# Energy Drinks.



## Shawn (Sep 3, 2008)

Anybody here like them? I used to hate them and only drank coffee but a friend of mine got me hooked on Red Bulls as well as Rockstar and Monster. I've been liking them alot lately.


----------



## Zepp88 (Sep 3, 2008)

They're tasty, but I definetly wouldn't use them to stay awake, I haven't had one in quite a while.


When I first started night shift I drank them every night, but I found that I just ended up crashing even harder


----------



## All_¥our_Bass (Sep 3, 2008)

I like every one that I've ever tried and I LOOOOVE coffee too.


----------



## CrashRG (Sep 3, 2008)

i tend to stay away from them because they tend to like me too much......i drink one and have to have another. 

sleep deprived, drinking 5 redbull and a cup of coffee is a recipe for disaster. at least for me. i started hallucinating and shit. i imagine that it was similar to what addicts go through on a bad trip. shakes, random incoherent thoughts and outbursts. yeah......all that shit.


be careful man.


----------



## B Lopez (Sep 3, 2008)

Don't like the stuff. Doesn't taste good, nor is it good for your body.


----------



## petereanima (Sep 3, 2008)

i like EVERY energy drink. and i love coffee. and coffee and red bull are free for me here at work. not good for my body, but i just can't stop.


----------



## COBHC (Sep 3, 2008)

Bookoo , Lost and Red Bull/Red Rain

stopped drinkin em mostly , so much sugar

whenever i need a boost , 5 hour energy extra strength


----------



## loktide (Sep 3, 2008)

Powerthirst!







...sorry, couldn't resist


----------



## muffgoat (Sep 3, 2008)

I am a big diet Rockstar drinker. im a rockstar a good 3out of 5 days of work a week!!


----------



## blackout (Sep 3, 2008)

Haven't found one that beats the original Relentless yet, but I like all the other flavours as well as the mango/organge/whatever Rockstar, went off red bull years ago.

But yeah, they're not good for me, I like em a bit too much, but luckily i can't really afford relentless at the moment and don't often see Rockstar.

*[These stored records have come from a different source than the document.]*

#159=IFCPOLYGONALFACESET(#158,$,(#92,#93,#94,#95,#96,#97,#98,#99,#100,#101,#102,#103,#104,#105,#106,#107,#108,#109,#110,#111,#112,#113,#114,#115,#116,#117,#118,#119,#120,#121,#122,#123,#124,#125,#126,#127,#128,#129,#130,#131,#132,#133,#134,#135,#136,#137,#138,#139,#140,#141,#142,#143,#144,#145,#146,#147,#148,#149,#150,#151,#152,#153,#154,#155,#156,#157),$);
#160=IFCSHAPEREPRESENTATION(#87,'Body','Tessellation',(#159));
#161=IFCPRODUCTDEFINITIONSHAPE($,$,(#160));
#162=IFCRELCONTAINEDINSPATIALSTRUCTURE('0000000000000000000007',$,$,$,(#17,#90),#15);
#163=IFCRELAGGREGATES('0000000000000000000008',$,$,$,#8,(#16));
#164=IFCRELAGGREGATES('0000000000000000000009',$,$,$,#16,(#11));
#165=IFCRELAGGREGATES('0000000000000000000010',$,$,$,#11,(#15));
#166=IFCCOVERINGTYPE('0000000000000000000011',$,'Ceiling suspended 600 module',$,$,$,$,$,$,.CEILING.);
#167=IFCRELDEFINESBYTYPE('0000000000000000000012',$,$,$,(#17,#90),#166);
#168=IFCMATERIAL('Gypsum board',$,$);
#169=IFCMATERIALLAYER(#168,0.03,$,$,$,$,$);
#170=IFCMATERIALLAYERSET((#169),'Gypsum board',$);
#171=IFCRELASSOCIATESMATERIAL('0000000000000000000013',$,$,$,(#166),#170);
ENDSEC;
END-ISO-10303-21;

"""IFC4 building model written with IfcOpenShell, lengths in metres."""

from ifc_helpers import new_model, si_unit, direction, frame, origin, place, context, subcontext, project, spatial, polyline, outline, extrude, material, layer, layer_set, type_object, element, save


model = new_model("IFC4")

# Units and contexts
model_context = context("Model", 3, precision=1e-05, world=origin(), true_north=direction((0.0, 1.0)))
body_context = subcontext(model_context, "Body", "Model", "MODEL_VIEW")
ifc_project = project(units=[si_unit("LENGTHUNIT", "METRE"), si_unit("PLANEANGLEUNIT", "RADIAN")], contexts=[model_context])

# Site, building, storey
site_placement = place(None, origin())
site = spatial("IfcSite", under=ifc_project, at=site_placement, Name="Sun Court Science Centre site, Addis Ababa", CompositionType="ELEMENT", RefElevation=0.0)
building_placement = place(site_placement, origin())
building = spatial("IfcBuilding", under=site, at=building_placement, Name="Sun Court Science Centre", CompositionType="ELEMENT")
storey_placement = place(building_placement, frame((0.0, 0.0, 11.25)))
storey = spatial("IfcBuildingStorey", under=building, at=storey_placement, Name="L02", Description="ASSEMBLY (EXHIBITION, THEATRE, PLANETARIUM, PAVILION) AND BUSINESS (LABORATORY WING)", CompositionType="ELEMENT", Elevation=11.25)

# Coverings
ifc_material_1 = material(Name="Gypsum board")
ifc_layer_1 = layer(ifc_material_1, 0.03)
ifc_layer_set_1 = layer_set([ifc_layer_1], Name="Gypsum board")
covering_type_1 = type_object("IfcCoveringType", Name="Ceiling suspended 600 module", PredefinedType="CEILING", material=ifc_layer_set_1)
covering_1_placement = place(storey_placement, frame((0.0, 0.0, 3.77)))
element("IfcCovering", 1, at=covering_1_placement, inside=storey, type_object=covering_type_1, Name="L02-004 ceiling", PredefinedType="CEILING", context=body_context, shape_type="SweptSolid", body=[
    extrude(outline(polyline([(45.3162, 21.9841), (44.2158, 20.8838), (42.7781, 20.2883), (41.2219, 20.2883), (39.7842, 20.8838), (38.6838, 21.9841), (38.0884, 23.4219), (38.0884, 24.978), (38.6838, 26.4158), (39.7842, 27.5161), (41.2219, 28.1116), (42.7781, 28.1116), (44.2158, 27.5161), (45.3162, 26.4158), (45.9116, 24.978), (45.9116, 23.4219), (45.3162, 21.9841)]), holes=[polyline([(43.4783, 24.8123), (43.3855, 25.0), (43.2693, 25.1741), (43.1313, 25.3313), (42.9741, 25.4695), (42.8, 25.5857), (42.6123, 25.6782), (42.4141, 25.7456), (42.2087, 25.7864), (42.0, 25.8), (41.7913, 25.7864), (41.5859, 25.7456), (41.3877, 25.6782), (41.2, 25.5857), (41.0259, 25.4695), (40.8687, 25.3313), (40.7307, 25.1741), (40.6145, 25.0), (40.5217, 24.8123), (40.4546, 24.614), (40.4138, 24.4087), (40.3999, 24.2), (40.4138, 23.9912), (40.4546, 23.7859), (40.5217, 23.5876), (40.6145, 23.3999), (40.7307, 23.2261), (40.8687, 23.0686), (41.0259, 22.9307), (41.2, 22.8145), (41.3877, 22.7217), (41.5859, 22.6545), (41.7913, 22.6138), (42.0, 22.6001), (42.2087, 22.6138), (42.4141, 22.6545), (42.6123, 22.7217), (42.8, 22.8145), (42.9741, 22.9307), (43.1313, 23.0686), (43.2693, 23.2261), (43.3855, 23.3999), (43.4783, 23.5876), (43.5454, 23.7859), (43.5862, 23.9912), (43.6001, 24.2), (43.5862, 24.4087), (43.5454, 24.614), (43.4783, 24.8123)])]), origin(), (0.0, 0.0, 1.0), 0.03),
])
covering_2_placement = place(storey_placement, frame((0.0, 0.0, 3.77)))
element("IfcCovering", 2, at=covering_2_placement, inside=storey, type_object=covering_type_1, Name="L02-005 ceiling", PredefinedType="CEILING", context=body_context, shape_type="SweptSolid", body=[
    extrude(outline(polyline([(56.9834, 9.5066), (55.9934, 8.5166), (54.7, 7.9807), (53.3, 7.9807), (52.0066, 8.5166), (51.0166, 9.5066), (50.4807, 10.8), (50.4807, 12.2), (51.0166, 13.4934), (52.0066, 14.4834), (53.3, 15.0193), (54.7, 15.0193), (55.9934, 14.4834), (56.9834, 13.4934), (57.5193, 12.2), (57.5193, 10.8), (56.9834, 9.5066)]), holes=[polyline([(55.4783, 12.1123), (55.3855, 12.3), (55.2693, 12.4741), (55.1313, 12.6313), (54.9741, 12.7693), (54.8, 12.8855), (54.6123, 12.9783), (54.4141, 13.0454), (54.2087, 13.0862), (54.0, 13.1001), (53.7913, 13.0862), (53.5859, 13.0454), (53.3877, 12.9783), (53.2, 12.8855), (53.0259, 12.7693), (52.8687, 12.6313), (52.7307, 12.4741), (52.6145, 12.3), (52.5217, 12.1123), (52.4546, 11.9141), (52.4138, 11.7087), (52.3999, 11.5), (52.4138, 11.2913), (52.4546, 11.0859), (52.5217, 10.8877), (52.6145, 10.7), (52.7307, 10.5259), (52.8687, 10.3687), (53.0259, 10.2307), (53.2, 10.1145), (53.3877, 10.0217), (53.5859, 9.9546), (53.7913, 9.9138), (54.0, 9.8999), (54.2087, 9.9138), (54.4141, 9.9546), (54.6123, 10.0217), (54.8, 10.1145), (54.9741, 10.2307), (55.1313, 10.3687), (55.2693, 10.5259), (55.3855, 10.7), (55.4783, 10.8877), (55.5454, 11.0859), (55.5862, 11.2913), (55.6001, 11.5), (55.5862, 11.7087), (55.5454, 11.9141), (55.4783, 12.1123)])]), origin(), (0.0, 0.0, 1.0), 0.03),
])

If you ever see that Red Bull Coke stuff, STAY AWAY!! Its one of the worst drinks i've ever tried. Had to throw most of it away.


----------



## petereanima (Sep 3, 2008)

blackout said:


> If you ever see that Red Bull Coke stuff, STAY AWAY!! Its one of the worst drinks i've ever tried. Had to throw most of it away.



man, that was awfull, it almost made me puke.


----------



## Josh Lawson (Sep 3, 2008)

I like any diet energy drinks. Sugar is sticky and kinda nasty. I wish Energy drinks, sugar or diet were not as sweet as they are. The caffeine effects of coffee and energy drinks seem different to me.


----------



## petereanima (Sep 3, 2008)

i'd say in 99% its not the caffeine, but the sugar which effects the energy boost.


----------



## Josh Lawson (Sep 3, 2008)

I disagree. The sugar free versions have the same "buzz" as the corn syrup sweetened counterparts. At least for me. To much sugar gets me nauseous and I really don't like it.


----------



## jaxadam (Sep 3, 2008)

If you want a real kick, try Endorush, but just remember that one bottle is 4 servings.


----------



## All_¥our_Bass (Sep 4, 2008)

petereanima said:


> i like EVERY energy drink. and i love coffee. and coffee and red bull are free for me here at work. not good for my body, but i just can't stop.


 
I hear ya. I used to work at a Dunkin' Donuts. I was overcaffinated WAYY too often. But it was SOOO GOOOD.



jaxadam said:


> If you want a real kick, try Endorush, but just remember that one bottle is 4 servings.


 
WHERE CAN I GET THIS!?!?


----------



## jaxadam (Sep 4, 2008)

All_¥our_Bass;1200434 said:


> WHERE CAN I GET THIS!?!?



GNC. If you like energy drinks, you'll love this one...


----------



## Tiger (Sep 4, 2008)

jaxadam said:


> If you want a real kick, try Endorush, but just remember that one bottle is 4 servings.



I'd like to place this in perspective though: I train most every day, Im in very good shape at 5'4" and 145lbs. I use Endo rush on the intense days, which is either sparring for several hours or several hours freerunning/gymnastics usually combined with regular classes (karate) in the evening.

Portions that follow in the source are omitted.